Митяй решил не уточнять, куда делась ее одежда, так же как и о подробностях похищения. Захочет, сама расскажет. Такая гордая и такая слабая, несмотря на силу сапфировых змеек и невидимого покровителя. Захотелось ее прижать, согреть, растереть заледеневшие ступни, расцеловать потрескавшиеся губы. Но не посмел. У них обоих было личное, а как сделать личное общим, он не знал.
– Нет уж. Я не побегу. Если Тугарин в Камнеграде, это будет его проблемой. Мы возвращаемся. И не повезет тому, кто встанет на моем пути.
– Его не остановили сотни наших воинов…
– Тогда это сделает одна девушка с босыми ногами. Он меня не нашел, так я его найду! Хотя ты можешь отправляться к Камушке, тебе же надо на ее левый берег.
Сталь зазвенела в ее голосе. И он поверили ее безумию. Будь что будет, он хотел спасти дочку Космы, обещал вернуть, а значит, должен быть рядом с ней. Даже в безумии.
– Я пойду с тобой.
– Твой выбор – твое право. И еще. Поклянись, что никому не расскажешь о том, что здесь увидел и понял. Ты же умный, ты не мог не понять. Пусть все думают, что это ты убил Чеслава и освободил меня. Вот этими клинками. Подкрался сзади и убил, а потом отрубил голову. Поклянись…
Он не смог ей отказать. В конце концов, какая разница, кто покарал предателя? Цепь событий запущена. Не зацикливаться же на такой мелочи, что голова оторвана, а не отрублена!

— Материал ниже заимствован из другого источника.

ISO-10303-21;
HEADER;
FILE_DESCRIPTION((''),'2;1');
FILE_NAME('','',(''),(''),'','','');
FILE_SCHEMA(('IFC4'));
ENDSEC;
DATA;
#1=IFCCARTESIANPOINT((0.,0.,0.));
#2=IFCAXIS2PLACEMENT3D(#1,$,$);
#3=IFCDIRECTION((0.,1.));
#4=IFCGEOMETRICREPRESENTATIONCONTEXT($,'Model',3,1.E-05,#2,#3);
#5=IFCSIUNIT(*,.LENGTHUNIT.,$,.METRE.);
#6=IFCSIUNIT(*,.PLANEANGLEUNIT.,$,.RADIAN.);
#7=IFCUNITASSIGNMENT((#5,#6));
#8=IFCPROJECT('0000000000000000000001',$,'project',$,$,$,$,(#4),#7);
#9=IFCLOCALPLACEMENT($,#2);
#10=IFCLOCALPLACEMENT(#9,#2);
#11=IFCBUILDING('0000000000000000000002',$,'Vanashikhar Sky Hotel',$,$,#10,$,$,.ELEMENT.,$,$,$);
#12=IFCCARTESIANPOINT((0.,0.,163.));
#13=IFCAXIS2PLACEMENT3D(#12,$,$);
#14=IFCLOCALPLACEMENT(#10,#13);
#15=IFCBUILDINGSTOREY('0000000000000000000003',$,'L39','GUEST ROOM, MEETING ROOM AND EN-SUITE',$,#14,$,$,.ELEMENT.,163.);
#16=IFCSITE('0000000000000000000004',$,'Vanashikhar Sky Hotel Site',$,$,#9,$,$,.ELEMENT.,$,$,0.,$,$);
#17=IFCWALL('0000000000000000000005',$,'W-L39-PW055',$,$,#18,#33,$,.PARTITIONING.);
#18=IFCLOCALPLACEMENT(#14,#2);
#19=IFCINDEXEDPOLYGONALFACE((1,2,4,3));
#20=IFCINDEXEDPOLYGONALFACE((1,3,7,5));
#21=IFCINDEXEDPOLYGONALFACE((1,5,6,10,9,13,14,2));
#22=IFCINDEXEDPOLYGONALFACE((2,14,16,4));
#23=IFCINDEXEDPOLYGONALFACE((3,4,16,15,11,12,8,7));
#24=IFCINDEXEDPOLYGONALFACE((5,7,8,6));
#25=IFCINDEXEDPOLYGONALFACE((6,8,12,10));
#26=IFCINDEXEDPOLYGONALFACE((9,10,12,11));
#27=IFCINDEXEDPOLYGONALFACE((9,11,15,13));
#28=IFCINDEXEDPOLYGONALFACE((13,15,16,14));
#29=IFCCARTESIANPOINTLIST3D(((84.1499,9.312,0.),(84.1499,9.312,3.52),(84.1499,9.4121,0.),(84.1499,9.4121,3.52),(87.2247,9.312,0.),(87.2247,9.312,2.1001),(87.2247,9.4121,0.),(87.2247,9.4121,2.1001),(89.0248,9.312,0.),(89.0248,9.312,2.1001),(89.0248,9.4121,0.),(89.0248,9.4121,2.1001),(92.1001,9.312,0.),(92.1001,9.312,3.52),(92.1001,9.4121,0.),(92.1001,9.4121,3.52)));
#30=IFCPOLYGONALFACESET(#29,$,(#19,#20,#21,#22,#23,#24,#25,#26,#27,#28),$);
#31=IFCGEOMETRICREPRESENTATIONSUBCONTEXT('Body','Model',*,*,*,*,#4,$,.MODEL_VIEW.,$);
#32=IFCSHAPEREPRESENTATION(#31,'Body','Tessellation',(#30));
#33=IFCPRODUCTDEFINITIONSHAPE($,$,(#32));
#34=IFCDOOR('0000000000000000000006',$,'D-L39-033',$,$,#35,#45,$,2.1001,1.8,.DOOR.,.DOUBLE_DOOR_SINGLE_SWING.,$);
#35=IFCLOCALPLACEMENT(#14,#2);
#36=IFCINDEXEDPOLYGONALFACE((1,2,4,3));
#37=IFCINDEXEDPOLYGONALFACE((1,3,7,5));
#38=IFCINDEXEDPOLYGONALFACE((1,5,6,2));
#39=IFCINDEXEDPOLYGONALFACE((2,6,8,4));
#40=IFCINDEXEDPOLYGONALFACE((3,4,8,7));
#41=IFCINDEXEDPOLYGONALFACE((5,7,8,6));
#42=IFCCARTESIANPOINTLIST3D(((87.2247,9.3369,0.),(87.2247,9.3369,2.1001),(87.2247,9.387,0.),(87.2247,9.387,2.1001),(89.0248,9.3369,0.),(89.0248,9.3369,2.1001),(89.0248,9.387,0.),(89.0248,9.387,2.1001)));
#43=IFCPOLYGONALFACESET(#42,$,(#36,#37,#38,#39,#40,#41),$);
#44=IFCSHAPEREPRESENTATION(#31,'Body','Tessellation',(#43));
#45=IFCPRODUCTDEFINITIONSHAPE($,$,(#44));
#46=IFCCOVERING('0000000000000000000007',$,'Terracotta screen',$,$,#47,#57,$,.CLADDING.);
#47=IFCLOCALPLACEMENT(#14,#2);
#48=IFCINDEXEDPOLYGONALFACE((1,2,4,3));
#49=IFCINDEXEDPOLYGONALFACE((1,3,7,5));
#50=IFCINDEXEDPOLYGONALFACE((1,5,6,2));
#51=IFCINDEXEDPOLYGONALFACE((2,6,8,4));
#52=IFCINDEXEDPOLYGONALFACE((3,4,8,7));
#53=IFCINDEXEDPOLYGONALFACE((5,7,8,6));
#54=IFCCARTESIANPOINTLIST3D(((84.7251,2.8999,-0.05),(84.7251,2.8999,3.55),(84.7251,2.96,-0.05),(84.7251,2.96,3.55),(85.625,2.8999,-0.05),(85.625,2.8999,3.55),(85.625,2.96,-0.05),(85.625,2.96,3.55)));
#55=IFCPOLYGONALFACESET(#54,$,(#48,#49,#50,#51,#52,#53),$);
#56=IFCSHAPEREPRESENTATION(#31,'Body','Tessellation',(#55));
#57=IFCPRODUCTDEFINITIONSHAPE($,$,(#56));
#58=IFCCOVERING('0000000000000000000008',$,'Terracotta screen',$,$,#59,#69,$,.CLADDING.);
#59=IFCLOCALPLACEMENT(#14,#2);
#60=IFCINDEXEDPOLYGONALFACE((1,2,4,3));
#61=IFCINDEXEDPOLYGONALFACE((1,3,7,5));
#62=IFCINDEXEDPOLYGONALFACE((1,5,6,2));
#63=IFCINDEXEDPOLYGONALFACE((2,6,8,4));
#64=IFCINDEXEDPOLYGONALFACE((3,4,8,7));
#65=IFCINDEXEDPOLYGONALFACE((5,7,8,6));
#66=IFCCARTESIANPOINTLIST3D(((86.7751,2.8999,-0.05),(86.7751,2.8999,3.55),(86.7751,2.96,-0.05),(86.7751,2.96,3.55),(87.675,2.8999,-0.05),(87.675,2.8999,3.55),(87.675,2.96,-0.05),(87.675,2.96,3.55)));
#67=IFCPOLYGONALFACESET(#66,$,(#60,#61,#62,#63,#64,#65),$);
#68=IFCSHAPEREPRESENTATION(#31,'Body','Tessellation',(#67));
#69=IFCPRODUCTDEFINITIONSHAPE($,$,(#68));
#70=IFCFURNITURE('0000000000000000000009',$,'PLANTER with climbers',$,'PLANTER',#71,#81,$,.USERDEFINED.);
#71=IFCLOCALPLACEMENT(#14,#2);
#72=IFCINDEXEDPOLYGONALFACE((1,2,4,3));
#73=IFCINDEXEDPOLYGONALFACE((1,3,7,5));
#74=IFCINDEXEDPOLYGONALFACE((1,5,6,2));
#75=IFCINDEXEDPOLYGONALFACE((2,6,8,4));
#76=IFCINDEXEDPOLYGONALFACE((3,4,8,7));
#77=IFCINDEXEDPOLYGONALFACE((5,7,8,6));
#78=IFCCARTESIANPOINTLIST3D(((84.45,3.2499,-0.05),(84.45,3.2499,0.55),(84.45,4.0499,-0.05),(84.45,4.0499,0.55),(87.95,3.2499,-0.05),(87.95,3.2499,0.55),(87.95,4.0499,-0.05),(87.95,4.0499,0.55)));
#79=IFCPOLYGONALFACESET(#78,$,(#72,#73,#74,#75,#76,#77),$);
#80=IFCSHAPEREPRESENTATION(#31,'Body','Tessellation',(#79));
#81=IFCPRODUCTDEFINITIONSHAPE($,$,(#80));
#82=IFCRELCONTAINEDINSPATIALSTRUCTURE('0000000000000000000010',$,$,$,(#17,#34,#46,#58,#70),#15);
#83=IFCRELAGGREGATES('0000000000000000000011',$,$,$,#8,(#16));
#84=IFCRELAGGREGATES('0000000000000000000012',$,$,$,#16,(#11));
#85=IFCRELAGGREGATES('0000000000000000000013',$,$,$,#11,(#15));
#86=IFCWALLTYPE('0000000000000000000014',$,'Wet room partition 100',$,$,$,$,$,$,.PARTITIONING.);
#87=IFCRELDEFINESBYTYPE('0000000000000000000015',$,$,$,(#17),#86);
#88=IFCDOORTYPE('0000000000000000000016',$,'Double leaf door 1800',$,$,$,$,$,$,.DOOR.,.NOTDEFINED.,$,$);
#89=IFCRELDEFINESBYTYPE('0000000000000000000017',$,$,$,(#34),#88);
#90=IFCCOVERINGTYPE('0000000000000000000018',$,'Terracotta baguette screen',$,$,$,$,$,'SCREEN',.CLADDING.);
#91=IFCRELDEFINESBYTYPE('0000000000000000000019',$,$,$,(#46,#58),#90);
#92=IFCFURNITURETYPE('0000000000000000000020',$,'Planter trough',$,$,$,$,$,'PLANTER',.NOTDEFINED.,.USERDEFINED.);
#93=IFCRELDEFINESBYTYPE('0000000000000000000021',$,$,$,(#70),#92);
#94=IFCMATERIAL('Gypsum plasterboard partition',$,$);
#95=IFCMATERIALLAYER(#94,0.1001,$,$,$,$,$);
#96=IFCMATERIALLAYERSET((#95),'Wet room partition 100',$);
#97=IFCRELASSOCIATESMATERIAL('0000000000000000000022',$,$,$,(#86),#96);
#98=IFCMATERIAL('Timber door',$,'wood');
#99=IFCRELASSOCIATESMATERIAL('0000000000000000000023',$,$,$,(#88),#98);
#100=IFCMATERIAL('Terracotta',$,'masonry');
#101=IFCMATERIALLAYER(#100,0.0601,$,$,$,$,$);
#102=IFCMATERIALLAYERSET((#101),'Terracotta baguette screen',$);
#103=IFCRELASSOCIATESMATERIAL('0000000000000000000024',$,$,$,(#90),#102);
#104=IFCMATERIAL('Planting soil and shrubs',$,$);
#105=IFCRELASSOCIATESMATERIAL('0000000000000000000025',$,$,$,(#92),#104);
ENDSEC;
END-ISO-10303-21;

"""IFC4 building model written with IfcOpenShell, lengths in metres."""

from ifc_helpers import new_model, si_unit, direction, frame, frame_2d, origin, origin_2d, place, context, subcontext, project, spatial, rectangle, extrude, source, transform, mapped, material, layer, layer_set, type_object, element, fill, save


model = new_model("IFC4")

# Units and contexts
model_context = context("Model", 3, precision=1e-05, world=origin(), true_north=direction((0.0, 1.0)))
body_context = subcontext(model_context, "Body", "Model", "MODEL_VIEW")
ifc_project = project(units=[si_unit("LENGTHUNIT", "METRE"), si_unit("PLANEANGLEUNIT", "RADIAN")], contexts=[model_context])

# Site, building, storey
site_placement = place(None, origin())
site = spatial("IfcSite", under=ifc_project, at=site_placement, Name="Vanashikhar Sky Hotel Site", CompositionType="ELEMENT", RefElevation=0.0)
building_placement = place(site_placement, origin())
building = spatial("IfcBuilding", under=site, at=building_placement, Name="Vanashikhar Sky Hotel", CompositionType="ELEMENT")
storey_placement = place(building_placement, frame((0.0, 0.0, 163.0)))
storey = spatial("IfcBuildingStorey", under=building, at=storey_placement, Name="L39", Description="GUEST ROOM, MEETING ROOM AND EN-SUITE", CompositionType="ELEMENT", Elevation=163.0)

# Wall, opening, door
ifc_material_1 = material(Name="Gypsum plasterboard partition")
ifc_layer_1 = layer(ifc_material_1, 0.1001)
ifc_layer_set_1 = layer_set([ifc_layer_1], Name="Wet room partition 100")
wall_type_1 = type_object("IfcWallType", Name="Wet room partition 100", PredefinedType="PARTITIONING", material=ifc_layer_set_1)
ifc_material_2 = material(Name="Timber door", Category="wood")
shared_shape_1 = source(origin(), body_context, "Body", "SweptSolid", [
    extrude(rectangle(XDim=7.9502, YDim=0.1001, at=frame_2d((3.9751, 0.0))), origin(), (0.0, 0.0, 1.0), 3.52),
])
wall_1_placement = place(storey_placement, frame((84.1499, 9.3621, 0.0), z_axis=(0.0, 0.0, 1.0), x_axis=(1.0, 0.0, 0.0)))
wall_1 = element("IfcWall", 1, at=wall_1_placement, inside=storey, type_object=wall_type_1, Name="W-L39-PW055", PredefinedType="PARTITIONING", context=body_context, shape_type="MappedRepresentation", body=[
    mapped(shared_shape_1, transform((0.0, 0.0, 0.0), scale=1.0)),
])
shared_shape_2 = source(origin(), body_context, "Body", "SweptSolid", [
    extrude(rectangle(XDim=1.8, YDim=2.1001, at=frame_2d((0.8999, 1.05))), frame((0.0, 0.0601, 0.0), z_axis=(0.0, -1.0, 0.0), x_axis=(1.0, 0.0, 0.0)), (0.0, 0.0, 1.0), 0.1201),
])
opening_1_placement = place(wall_1_placement, frame((3.075, 0.0, 0.0)))
opening_1 = element("IfcOpeningElement", 2, at=opening_1_placement, cuts=wall_1, PredefinedType="OPENING", context=body_context, shape_type="MappedRepresentation", body=[
    mapped(shared_shape_2, transform((0.0, 0.0, 0.0), scale=1.0)),
])
door_type_1 = type_object("IfcDoorType", Name="Double leaf door 1800", OperationType="NOTDEFINED", PredefinedType="DOOR", material=ifc_material_2)
shared_shape_3 = source(origin(), body_context, "Body", "SweptSolid", [
    extrude(rectangle(XDim=1.8, YDim=2.1001, at=frame_2d((0.8999, 1.05))), frame((0.0, 0.0249, 0.0), z_axis=(0.0, -1.0, 0.0), x_axis=(1.0, 0.0, 0.0)), (0.0, 0.0, 1.0), 0.05),
])
door_1_placement = place(opening_1_placement, origin())
door_1 = element("IfcDoor", 3, at=door_1_placement, inside=storey, type_object=door_type_1, Name="D-L39-033", OperationType="DOUBLE_DOOR_SINGLE_SWING", OverallHeight=2.1001, OverallWidth=1.8, PredefinedType="DOOR", context=body_context, shape_type="MappedRepresentation", body=[
    mapped(shared_shape_3, transform((0.0, 0.0, 0.0), scale=1.0)),
])
fill(opening_1, door_1)

# Coverings
ifc_material_3 = material(Name="Terracotta", Category="masonry")
ifc_layer_2 = layer(ifc_material_3, 0.0601)
ifc_layer_set_2 = layer_set([ifc_layer_2], Name="Terracotta baguette screen")
covering_type = type_object("IfcCoveringType", Name="Terracotta baguette screen", ElementType="SCREEN", PredefinedType="CLADDING", material=ifc_layer_set_2)
shared_shape_4 = source(origin(), body_context, "Body", "SweptSolid", [
    extrude(rectangle(XDim=0.8999, YDim=0.0601, at=origin_2d()), origin(), (0.0, 0.0, 1.0), 3.6001),
])
for number, where, z_axis, x_axis, name in (
    (4, (85.175, 2.9299, -0.05), (0.0, 0.0, 1.0), (1.0, 0.0, 0.0), "Terracotta screen"),
    (5, (87.2251, 2.9299, -0.05), (0.0, 0.0, 1.0), (1.0, 0.0, 0.0), "Terracotta screen"),
):
    element("IfcCovering", number, at=place(storey_placement, frame(where, z_axis=z_axis, x_axis=x_axis)), inside=storey, type_object=covering_type, Name=name, PredefinedType="CLADDING", context=body_context, shape_type="MappedRepresentation", body=[
        mapped(shared_shape_4, transform((0.0, 0.0, 0.0), scale=1.0)),
    ])

# Furniture
ifc_material_4 = material(Name="Planting soil and shrubs")
furniture_type = type_object("IfcFurnitureType", Name="Planter trough", ElementType="PLANTER", AssemblyPlace="NOTDEFINED", PredefinedType="USERDEFINED", material=ifc_material_4)
shared_shape_5 = source(origin(), body_context, "Body", "SweptSolid", [
    extrude(rectangle(XDim=3.5, YDim=0.8, at=origin_2d()), origin(), (0.0, 0.0, 1.0), 0.6001),
])
furniture_placement = place(storey_placement, frame((86.2, 3.6499, -0.05), z_axis=(0.0, 0.0, 1.0), x_axis=(1.0, 0.0, 0.0)))
element("IfcFurniture", 6, at=furniture_placement, inside=storey, type_object=furniture_type, Name="PLANTER with climbers", ObjectType="PLANTER", PredefinedType="USERDEFINED", context=body_context, shape_type="MappedRepresentation", body=[
    mapped(shared_shape_5, transform((0.0, 0.0, 0.0), scale=1.0)),
])

save(model, "model.ifc")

– Клянусь отцом и матерью, изначальным Родом и благословенной Макошью никому не рассказывать о том, что здесь увидел и понял. Для всех это я убил охотника.
– Хорошо. Помни свою клятву. Ты теперь ею связан. Мы теперь ею связаны… на веки вечные. И возьми голову Чеслава, это твой трофей, тебе и нести.
Ее вздернутый носик блестел, карие глаза напряженно щурились, слипшиеся светло-русые космы выбивались из-под кольчуги. Она двинулась в обратный путь. Пастух пошел за ней, не сомневаясь, что их ждет верная смерть. В его руке покачивалась мертвая голова. Он держал ее за власы, и она время от времени била ему по коленке…
На подступах к Камнеграду путники сначала почувствовали гарь, а затем увидели черные клубы дыма, которые поднимались и над ним, и над дальними выселками кузнецов и плавильщиков. Перекаты вяло штурмовали крепость с восточной стороны, скорее для отвода глаз. На шпилях боковых башенок отсутствовали полотнища с трезубцем, над проломом висели распятые любичи. И ни одного взгляда нежити, ни одного домовенка! По всему выходило – в городке хозяйничали чужие.
Во рву дочь купца быстро натянула снятые с какого-то трупа штаны с накидкой, но обувь не тронула: то ли размер не подошел, то ли еще по какой причине.